A spec ties those examples to a way of marking the answers. It's a recipe, not a single run, which means you can run it again and again to get a record of how your agent performs over time. This means you can accurately see the impact of a model update that's a little too eager to please, or a reworded prompt that opens a crack for attackers to exploit.

How We Measure Accuracy

Run the spec and you get two figures.

Clean accuracy is how the bot does on the examples exactly as written. It's the "does it work at all" number.

Robust accuracy is the more interesting one. We take each example and automatically generate variations of it, the same request reworded, restructured, and attacked from different angles, using a red-team or gold-team method. An example only counts as robust if the bot stays correct across every one of its variations. For ParcelShip, robust accuracy is whether its refusal to open the locker stands up against scrutiny.

Running it Without a Human in the Loop

Now this works well, but I also don't want to have to set off evals by hand every time. I want to forget about it and have it tell me only when something breaks.

So it goes in CI, with a small GitHub Action that starts an eval, waits for it to finish, and hands back the results:

- uses: SafeIntelligence/spec27-run-eval@v1
  id: eval
  with:
    token: ${{ secrets.SPEC27_TOKEN }}
    eval_id: "123"

token is a project-scoped API key you've stored as a GitHub secret, and eval_id identifies the eval to run (more on where to find that below). Alongside the scores, the action exposes clean_accuracy, robust_accuracy, a status, a result_url link to the run results online, and a results_file with the full JSON, so you can gate on either accuracy number, post the link in Slack, or keep the JSON.

The action measures, it doesn't judge. It runs the eval and reports the numbers. Deciding what counts as "good enough" is my job, not the action's, so that rule sits in the next step in the CI.

- name: Fail the build if robust accuracy drops
  env:
    ROBUST: ${{ steps.eval.outputs.robust_accuracy }}
    MIN_ROBUST: "95"
  run: |
    [ "$ROBUST" -ge "$MIN_ROBUST" ] \
      || { echo "::error::robust accuracy ${ROBUST}% is below ${MIN_ROBUST}%"; exit 1; }

Both accuracies come back as whole-number percentages from 0 to 100, so a plain integer comparison is all you need. Now if a change drops robust accuracy below 95%, the pipeline fails. This means any regression is caught by CI before it reaches a customer.
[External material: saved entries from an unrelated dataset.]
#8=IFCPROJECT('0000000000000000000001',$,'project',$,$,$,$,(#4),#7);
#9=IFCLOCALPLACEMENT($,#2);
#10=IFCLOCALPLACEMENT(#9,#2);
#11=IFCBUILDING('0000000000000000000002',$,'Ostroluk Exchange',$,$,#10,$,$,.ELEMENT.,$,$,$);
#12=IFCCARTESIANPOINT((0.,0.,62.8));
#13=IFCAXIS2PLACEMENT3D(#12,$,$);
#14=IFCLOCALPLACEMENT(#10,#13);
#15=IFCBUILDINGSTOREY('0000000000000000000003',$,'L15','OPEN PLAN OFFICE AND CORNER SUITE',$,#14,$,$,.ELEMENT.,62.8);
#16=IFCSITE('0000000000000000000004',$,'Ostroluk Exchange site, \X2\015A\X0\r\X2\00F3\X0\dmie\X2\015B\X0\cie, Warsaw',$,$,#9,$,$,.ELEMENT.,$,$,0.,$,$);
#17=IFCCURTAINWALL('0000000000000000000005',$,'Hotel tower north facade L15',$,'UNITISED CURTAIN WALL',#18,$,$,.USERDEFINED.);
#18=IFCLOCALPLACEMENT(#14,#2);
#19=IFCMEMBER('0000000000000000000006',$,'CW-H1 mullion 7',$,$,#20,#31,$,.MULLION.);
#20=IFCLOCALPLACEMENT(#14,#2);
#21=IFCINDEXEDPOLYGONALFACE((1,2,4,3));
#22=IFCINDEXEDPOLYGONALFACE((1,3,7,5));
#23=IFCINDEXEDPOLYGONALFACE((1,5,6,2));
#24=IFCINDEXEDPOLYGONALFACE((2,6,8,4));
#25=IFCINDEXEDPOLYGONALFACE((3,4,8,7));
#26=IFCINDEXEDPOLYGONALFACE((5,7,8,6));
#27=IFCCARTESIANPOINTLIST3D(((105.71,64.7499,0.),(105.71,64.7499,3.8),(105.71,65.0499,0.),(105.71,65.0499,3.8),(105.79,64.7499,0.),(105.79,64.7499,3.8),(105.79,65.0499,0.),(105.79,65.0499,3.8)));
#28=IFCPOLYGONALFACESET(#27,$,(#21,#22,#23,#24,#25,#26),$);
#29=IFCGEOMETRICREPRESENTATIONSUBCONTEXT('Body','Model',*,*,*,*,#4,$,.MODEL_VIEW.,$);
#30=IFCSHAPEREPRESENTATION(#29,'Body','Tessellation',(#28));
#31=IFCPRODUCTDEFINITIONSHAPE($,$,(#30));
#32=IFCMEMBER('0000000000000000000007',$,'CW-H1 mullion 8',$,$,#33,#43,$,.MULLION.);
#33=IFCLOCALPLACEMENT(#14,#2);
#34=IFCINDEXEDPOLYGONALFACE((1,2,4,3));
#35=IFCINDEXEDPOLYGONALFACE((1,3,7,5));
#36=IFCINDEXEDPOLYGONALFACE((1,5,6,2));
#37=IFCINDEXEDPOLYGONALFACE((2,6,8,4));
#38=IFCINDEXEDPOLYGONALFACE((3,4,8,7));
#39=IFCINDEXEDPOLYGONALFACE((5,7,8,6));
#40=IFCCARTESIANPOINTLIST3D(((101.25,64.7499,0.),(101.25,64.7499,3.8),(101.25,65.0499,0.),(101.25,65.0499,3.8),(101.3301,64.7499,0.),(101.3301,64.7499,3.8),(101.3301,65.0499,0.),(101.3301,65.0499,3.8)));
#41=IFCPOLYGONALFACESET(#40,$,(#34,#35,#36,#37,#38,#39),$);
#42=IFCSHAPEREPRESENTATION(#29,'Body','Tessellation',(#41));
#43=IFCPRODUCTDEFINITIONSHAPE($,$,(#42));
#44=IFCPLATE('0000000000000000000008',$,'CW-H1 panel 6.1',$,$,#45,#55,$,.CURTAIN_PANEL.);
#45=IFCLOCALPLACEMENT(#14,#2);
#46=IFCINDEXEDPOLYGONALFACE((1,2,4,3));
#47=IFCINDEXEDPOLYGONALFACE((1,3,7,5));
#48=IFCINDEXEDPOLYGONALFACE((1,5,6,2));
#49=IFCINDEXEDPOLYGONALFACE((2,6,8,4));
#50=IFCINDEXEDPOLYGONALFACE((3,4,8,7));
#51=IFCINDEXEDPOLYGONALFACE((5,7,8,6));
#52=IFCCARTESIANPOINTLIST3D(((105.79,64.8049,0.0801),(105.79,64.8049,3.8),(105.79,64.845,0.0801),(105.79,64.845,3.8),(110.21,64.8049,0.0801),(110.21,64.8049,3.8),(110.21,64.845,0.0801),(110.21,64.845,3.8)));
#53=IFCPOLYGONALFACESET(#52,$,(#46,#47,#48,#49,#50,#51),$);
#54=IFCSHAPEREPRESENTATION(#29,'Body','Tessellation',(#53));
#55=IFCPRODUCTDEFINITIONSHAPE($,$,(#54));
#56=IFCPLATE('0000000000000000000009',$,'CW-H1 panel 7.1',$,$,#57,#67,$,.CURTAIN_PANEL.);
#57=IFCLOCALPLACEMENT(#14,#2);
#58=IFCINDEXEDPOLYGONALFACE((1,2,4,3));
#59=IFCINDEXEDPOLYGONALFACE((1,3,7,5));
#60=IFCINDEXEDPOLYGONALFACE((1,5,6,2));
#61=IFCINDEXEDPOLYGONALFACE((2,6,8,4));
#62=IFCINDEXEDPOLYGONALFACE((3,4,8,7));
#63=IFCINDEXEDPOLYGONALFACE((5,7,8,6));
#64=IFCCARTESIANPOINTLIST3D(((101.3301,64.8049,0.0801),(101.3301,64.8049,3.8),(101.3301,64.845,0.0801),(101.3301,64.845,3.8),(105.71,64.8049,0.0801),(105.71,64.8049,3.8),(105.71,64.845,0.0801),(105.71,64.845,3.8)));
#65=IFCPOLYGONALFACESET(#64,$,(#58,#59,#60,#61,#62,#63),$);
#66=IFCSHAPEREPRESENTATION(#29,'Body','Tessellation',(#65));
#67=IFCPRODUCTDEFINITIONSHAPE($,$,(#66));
An eval takes minutes rather than seconds, since the action runs the cases and waits, so it suits a per-merge gate or a nightly check rather than a unit-test loop on every commit. We run ours overnight:

on:
  schedule:
    - cron: "0 6 * * *"   # 06:00 UTC, every day

Every morning there's an answer, do we have to worry or not. Which is a lot easier to deal with than a support ticket.

How you can try this yourself

ParcelShip isn't hypothetical, it's the worked example we ship. Every Spec27 organisation has the ability to load the ParcelShip (Onboarding Example) project: the agent, the datasets, the specs, and the evals, already wired up. The quickest way to see the whole loop is to point the action at it before building anything of your own:

Sign up at dashboard.spec27.ai and open the ParcelShip (Onboarding Example) project from the registry.
Create a project-scoped API key in the project settings page and add it as a SPEC27_TOKEN secret in GitHub CI.
Open the Robustness eval and copy the eval ID from the eval's URL. Add it as input to your GitHub job and run the action. You should get a green pipeline with real results against a real agent before you've written a line of your own.
When you're ready for your own agent: add it to a project in Spec27, then add a dataset, spec and eval for it.
Mint a project-scoped API key in the project settings, add it as a SPEC27_TOKEN secret in your agent's GitHub repo, add the eval ID, and choose your threshold.

The full walkthrough lives in the Spec27 docs. The shape of it is simple: write down what your agent must and must not do, and have every change checked against it automatically, the same way you already gate on your tests.